Poor Fuzzy: if anyone has noticed that her blog has gone suspiciously quiet, it's because she's in hospital. Nothing trivial, I can assure you. My brow is furrowed with concern as I write this - I love the wee bugger to bits (I would even offer a kidney, should one be required) and hate the thought of her having to stay at the Sawbones Hotel, not entirely knowing what they are going to do to her - but I managed to overcome my fear of hospitals and visit her. I think she was pleased-ish to see me (although I'm not the visitor she'd have wanted, ideally... ) and that if nothing else I managed to entertain her for a while. I hope she didn't notice my twitching and constant checking for an exit. I'll save relating any details as the prerogative of the poorly one herself. I'm sure that they'll be vivid.

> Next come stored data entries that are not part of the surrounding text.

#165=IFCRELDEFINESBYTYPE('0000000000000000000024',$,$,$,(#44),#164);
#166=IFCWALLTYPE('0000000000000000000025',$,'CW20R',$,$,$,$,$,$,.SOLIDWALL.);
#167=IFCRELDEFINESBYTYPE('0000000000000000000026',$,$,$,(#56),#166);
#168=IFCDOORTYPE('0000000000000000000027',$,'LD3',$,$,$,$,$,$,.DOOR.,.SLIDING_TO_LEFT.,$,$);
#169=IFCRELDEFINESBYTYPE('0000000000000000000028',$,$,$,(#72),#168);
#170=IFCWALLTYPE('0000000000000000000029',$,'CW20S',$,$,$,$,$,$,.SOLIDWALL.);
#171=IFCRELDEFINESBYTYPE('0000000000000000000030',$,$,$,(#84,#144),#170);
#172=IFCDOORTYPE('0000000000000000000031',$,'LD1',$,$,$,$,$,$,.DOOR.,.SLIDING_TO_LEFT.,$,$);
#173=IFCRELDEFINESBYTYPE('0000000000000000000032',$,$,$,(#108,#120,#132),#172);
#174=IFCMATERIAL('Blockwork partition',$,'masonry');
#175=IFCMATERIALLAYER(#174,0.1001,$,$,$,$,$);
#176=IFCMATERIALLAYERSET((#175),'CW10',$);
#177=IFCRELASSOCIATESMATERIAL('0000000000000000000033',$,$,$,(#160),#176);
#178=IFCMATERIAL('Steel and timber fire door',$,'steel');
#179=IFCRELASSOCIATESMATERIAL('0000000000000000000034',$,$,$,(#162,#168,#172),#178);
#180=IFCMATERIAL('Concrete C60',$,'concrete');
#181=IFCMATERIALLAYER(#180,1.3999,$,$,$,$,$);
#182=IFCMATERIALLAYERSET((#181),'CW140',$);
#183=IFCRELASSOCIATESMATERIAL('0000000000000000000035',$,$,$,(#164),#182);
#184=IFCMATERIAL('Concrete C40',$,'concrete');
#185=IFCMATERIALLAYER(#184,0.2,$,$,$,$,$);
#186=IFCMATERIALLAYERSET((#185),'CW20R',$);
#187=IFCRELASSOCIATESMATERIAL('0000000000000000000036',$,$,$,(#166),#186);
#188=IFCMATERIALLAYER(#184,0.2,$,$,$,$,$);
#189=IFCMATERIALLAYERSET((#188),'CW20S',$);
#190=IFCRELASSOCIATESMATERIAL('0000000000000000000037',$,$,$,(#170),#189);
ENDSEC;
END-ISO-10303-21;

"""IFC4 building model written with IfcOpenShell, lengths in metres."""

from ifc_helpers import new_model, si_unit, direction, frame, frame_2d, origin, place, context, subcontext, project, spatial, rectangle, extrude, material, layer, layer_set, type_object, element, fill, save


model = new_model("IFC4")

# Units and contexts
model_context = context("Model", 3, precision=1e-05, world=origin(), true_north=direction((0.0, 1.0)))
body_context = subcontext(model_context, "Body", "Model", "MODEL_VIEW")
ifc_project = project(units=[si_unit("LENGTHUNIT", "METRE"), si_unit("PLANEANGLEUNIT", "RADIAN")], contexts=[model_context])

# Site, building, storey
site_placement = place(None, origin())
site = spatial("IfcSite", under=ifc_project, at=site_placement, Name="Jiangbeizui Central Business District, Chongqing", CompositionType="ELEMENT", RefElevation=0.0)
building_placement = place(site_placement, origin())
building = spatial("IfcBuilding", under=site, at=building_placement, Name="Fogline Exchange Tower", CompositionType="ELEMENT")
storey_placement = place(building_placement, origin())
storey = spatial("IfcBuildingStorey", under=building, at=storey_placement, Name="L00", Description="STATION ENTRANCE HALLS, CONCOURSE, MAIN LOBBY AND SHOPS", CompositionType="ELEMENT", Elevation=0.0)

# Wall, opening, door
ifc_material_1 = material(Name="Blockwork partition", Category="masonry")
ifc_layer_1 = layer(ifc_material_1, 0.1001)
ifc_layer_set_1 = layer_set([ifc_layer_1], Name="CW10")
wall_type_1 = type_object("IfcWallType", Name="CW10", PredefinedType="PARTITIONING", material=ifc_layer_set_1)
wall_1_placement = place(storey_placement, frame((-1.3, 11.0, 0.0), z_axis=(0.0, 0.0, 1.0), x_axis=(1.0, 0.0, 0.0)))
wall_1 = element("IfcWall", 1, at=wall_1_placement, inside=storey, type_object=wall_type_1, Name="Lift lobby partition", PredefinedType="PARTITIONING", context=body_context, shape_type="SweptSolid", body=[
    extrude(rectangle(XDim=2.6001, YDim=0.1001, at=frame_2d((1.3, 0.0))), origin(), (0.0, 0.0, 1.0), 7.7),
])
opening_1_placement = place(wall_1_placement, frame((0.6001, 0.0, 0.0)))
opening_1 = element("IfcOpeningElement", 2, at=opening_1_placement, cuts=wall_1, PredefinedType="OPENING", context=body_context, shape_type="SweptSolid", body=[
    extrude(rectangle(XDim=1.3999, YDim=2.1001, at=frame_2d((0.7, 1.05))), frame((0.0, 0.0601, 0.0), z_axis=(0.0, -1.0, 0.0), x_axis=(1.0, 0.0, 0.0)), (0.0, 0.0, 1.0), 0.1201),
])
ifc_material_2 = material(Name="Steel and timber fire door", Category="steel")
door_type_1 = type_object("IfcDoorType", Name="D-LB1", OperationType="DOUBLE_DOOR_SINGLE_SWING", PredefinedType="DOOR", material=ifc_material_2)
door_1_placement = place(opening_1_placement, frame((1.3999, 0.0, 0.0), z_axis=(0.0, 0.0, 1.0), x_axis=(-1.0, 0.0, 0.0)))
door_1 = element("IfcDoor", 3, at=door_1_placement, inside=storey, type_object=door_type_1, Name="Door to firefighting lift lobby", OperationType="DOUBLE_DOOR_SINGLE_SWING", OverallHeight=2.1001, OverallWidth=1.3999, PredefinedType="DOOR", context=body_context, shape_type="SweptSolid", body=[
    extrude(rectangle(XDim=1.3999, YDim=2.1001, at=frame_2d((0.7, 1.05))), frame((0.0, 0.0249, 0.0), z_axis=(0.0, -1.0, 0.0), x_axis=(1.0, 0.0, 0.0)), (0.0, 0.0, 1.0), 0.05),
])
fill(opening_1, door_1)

On reflection, I don't have a fear of hospitals so much as a total blind panic, the cause of which has a long and detailed pathology, but let's just say that when my early experiences of hospitals include breaking the drainage bag from where my father had had surgery and having icky blood "stuff" soaking my new shoes and splashed up my pristine white ankle socks, visiting my dying grandfather and witnessing the quiet death of the old bloke in the bed next to him- tugging on my mother's trousers to tell her what I saw, only to be dismissed as "making it up", which was reluctantly retracted when a clot of nurses gathered around his bed, swished the curtains shut and muttered, " -shit, I was supposed to check 'im 'alf an hour ago" and then as a pitifully self-conscious teen spending ten hours on a trolley in a hospital corridor wearing my somewhat unflattering P.E. kit, my knee swollen to the size of a spacehopper, hallucinating with pain and surreally watching the mayhem explode as some drunken brawlers lurched, spewed and sprayed gore around the A&E. I could go on, but it could easily bring on a panic attack and I'm working later.
Anyhow, apart from worrying about Fuzzy's hospital sojourn, I have been working 15-16 hour days getting some project work completed (I think Mrs Gripes still recognises me...) which has left no time for anything remotely resembling a life, let alone a blog. Which means that my blog anniversary slipped past without me really noticing.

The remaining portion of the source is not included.